Oral Cancer is one of the ten most common human malignancies in the world. Our growing research programme in Oral Cancer draws upon interdisciplinary research in molecular biology, biomedical imaging and computational modelling and aims to identify mechanisms underlying oral carcinogenesis and develop novel evidence-based diagnostic tools, biomarkers and therapeutic targets for oral cancer.
Our research group
- We investigate quantitative features oral epithelium architecture in normal, ageing and pathological tissue, structural complexity and hierarchical spatial epithelial organisation.
- We develop digital microscopy tools for analysis and visualisation of biological data, and we work towards intelligent microscopy by developing histologically relevant models of biological imagery based on the mereotopological relations of nuclei, cells and tissues. This enables us to use machine reasoning techniques to gain insights on scene contents quantification and validation of segmentation results.
- We research into the processes involved in cancer cell migration and invasiveness using 3D-organotypic co-culture models and oral carcinoma cell lines. Our work aims to elucidate the cellular and molecular processes involved including the role of genetic and epigenetic factors, signalling factors and cell-cell signalling as well as the role of stromal cells on cancer migration and invasion. We also develop imaging techniques to assess the invasion boundaries of malignant and premalignant lesions as measures of tissue infiltration to contribute to novel models and strategies that facilitate diagnosing, targeting and modifying oral cancer behaviour.

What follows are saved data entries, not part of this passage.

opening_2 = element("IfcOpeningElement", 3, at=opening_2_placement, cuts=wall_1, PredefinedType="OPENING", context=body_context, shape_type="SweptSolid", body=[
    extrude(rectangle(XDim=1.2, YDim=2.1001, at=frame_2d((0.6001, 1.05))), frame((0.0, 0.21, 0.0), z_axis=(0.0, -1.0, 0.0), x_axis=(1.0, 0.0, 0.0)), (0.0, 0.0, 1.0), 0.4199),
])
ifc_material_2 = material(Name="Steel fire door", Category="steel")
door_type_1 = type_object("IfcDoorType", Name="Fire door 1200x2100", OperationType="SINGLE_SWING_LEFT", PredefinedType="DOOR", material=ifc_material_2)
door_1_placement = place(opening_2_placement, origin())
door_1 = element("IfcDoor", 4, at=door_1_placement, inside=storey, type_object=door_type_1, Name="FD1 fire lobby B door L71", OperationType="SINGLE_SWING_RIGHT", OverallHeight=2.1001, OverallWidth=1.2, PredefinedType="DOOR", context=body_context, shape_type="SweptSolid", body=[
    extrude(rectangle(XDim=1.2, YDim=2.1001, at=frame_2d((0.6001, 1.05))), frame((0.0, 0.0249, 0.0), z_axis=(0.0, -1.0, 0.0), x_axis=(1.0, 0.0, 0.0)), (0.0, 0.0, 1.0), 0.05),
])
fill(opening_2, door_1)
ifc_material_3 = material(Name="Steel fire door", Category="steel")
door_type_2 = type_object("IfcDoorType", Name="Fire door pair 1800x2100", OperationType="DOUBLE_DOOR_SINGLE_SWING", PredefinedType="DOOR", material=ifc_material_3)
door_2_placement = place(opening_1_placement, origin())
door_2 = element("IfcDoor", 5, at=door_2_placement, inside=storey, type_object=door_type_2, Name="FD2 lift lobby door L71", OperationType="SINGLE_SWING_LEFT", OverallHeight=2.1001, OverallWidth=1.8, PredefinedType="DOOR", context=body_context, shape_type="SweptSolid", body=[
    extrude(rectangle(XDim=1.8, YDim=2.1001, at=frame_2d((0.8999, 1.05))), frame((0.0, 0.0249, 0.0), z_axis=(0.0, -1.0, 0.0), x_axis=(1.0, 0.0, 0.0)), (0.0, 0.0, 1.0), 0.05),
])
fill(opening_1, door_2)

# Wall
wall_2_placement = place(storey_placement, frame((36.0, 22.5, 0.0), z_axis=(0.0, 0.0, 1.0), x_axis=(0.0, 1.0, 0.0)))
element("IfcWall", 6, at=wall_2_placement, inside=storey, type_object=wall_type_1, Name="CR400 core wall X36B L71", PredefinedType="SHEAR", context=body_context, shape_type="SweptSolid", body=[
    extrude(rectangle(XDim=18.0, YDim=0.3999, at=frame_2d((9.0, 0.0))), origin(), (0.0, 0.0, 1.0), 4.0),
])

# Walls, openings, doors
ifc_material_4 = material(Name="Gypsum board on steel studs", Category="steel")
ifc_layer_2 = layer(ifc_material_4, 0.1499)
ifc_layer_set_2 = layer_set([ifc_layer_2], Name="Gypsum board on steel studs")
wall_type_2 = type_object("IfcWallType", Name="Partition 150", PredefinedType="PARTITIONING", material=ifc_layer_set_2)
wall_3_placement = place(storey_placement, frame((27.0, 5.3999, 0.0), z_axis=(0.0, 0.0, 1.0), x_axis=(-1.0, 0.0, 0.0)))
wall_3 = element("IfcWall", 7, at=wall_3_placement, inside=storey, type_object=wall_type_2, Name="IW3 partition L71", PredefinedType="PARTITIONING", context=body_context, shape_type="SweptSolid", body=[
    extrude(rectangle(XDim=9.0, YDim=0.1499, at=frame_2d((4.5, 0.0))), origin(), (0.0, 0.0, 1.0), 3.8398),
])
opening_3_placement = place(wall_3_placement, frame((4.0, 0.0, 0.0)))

- We aim to understand the epigenetic mechanisms by which chromatin organization and DNA methylation regulate gene expression in healthy oral epithelia. We aim to unravel how methylation and hydroxymethylation change in oral tumour cells and whether they can be reversed by treatments using agents such as DNA methylation inhibitors and retinoic acid.
- We investigate the early events in oral carcinogenesis and how epigenetic landscapes are affected by human papilloma virus and chronic inflammation. To move towards translational applications, we incorporate 3D culture models of oral epithelium and validate our results on carcinoma samples using genome-wide, next generation sequencing methods.